In the United States, we have over 30 Million patients suffering from these debilitating rare diseases. About 80% of the rare diseases are estimated to be genetic in origin and a half of those are early onset before 5 years of age. In 1983, US became the first country to adopt an orphan drug act (ODA) that incentivized biopharmaceutical industry to invest in research and development of orphan drugs. Some key incentives include: tax breaks on R&D expenses incurred on orphan drugs/products, seven years of market exclusivity on orphan drugs in USA even without other intellectual property (IP) protection, among other allowances.
We are in an exciting era of Precision Medicine with a growing number of orphan drugs approved and in the pipeline. Of the ~3,800 orphan drug designations issued by FDA OOPD since 1983, about 600 have resulted in marketing approval, the vast majority with orphan exclusivity. EU, Japan and several countries have adopted some form of ODA over the decades yet many countries are lagging behind – including the two most populous countries in the world – China and India.
Adopting a standard and consistent definition of rare disease is a critical pre-requisite milestone for a nation so that everything else can follow – including a national health policy, database of rare diseases, orphan designation, budget decisions, etc. The Organization for Rare Diseases India (ORDIndia) has played a vital catalytic role in accelerating the pace of progress by unifying all disease specific patient advocacy groups together to represent the collective voice of all stakeholders to the Government policy makers. India now has a definition: A disease is rare if it affects less than 1 in 2500 people. With the number of patients with rare diseases living in India estimated at over 70 million, getting them proper diagnosis and connecting them with global clinical studies is a big goal for #ORDIndia.
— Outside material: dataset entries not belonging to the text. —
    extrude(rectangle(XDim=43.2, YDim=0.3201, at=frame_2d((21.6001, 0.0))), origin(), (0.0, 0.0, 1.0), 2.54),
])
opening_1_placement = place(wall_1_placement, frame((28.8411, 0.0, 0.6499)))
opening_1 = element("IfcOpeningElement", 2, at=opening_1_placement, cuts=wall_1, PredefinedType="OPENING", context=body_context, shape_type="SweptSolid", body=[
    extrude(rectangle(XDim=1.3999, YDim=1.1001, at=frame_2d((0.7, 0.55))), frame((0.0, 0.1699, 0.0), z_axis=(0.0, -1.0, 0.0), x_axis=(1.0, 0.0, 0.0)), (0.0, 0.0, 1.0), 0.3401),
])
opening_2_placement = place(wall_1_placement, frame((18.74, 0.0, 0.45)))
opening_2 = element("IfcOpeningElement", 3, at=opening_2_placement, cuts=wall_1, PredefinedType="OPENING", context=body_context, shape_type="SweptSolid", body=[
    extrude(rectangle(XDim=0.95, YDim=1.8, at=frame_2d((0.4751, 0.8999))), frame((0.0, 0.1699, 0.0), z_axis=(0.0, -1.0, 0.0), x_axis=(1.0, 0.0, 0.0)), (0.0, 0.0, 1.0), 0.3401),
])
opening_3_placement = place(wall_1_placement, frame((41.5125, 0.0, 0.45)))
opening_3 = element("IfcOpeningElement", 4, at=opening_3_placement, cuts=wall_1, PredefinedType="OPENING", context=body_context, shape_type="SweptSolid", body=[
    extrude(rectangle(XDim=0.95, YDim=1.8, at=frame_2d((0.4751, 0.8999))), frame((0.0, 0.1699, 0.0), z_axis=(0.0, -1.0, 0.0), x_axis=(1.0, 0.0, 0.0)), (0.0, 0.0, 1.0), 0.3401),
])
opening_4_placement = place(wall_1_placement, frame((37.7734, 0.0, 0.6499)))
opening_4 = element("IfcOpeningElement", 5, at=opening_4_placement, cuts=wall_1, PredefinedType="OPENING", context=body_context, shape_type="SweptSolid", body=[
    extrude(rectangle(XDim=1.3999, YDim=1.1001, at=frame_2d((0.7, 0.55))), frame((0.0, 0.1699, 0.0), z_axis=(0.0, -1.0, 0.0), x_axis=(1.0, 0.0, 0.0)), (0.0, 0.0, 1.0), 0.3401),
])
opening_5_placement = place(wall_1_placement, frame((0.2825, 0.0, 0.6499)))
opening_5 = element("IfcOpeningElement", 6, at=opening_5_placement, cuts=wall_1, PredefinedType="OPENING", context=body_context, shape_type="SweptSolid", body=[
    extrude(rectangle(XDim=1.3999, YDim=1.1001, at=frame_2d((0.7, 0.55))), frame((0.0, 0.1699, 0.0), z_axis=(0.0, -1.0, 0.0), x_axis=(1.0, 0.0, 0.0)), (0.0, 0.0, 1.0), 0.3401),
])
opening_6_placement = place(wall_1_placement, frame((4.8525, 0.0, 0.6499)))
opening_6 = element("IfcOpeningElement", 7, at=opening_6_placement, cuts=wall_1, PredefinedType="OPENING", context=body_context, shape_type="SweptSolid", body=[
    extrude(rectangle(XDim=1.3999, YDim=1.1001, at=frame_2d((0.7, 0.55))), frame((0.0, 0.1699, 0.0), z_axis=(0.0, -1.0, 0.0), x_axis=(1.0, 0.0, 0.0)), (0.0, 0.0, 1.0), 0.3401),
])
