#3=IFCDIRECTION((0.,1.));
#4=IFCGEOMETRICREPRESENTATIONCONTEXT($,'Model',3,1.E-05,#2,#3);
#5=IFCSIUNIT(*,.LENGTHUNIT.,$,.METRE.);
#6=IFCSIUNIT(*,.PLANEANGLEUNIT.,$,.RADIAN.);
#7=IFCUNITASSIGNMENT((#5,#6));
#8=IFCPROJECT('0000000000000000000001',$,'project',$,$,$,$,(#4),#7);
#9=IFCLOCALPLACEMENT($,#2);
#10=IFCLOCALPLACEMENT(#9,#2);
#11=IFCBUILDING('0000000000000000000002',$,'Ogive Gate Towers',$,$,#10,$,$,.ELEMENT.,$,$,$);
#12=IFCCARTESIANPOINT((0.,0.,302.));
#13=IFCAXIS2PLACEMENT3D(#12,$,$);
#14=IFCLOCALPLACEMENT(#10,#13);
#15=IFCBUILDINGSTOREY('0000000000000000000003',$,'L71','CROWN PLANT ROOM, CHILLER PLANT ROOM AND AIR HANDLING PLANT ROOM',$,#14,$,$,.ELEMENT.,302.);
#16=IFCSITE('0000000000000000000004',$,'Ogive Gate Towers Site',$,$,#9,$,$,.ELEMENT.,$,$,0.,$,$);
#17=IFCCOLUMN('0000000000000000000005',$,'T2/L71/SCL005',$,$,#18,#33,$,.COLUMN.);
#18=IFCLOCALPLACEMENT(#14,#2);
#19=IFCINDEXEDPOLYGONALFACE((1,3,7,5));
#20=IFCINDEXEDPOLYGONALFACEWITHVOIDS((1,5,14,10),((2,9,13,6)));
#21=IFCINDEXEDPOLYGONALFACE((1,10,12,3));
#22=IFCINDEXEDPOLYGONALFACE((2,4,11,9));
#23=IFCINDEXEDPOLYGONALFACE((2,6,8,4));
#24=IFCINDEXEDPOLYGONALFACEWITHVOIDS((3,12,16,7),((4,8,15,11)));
A number of international consortia and organizations have sprung up recently to support the rare disease revolution and for sharing of best practices for national umbrella organizations. These include: the international rare disease research consortium (#IRDiRC), Rare Diseases International (RDI), International Conference on Rare Diseases and Orphan Drugs (#ICORD), the NGO committee for rare diseases by United Nations. Numerous regional alliances are also being formed particularly in Asia including the Asia Pacific Alliance for Rare Disease Organizations (#APARDO) and Rainbow Across Borders. Conferences such as this one and the world orphan drugs congress where global organizations converge enable exchange of ideas, innovations and best practices benefit the cause of patients with rare diseases globally.
Whether you are a patient advocate, scientist, technologist, student, entrepreneur, pharmaceutical executive, biotech investor, or philanthropist, I truly hope you find this conference very informative and help you gain global insights for local action to continue in your own journey in this exciting area of rare diseases and orphan drugs.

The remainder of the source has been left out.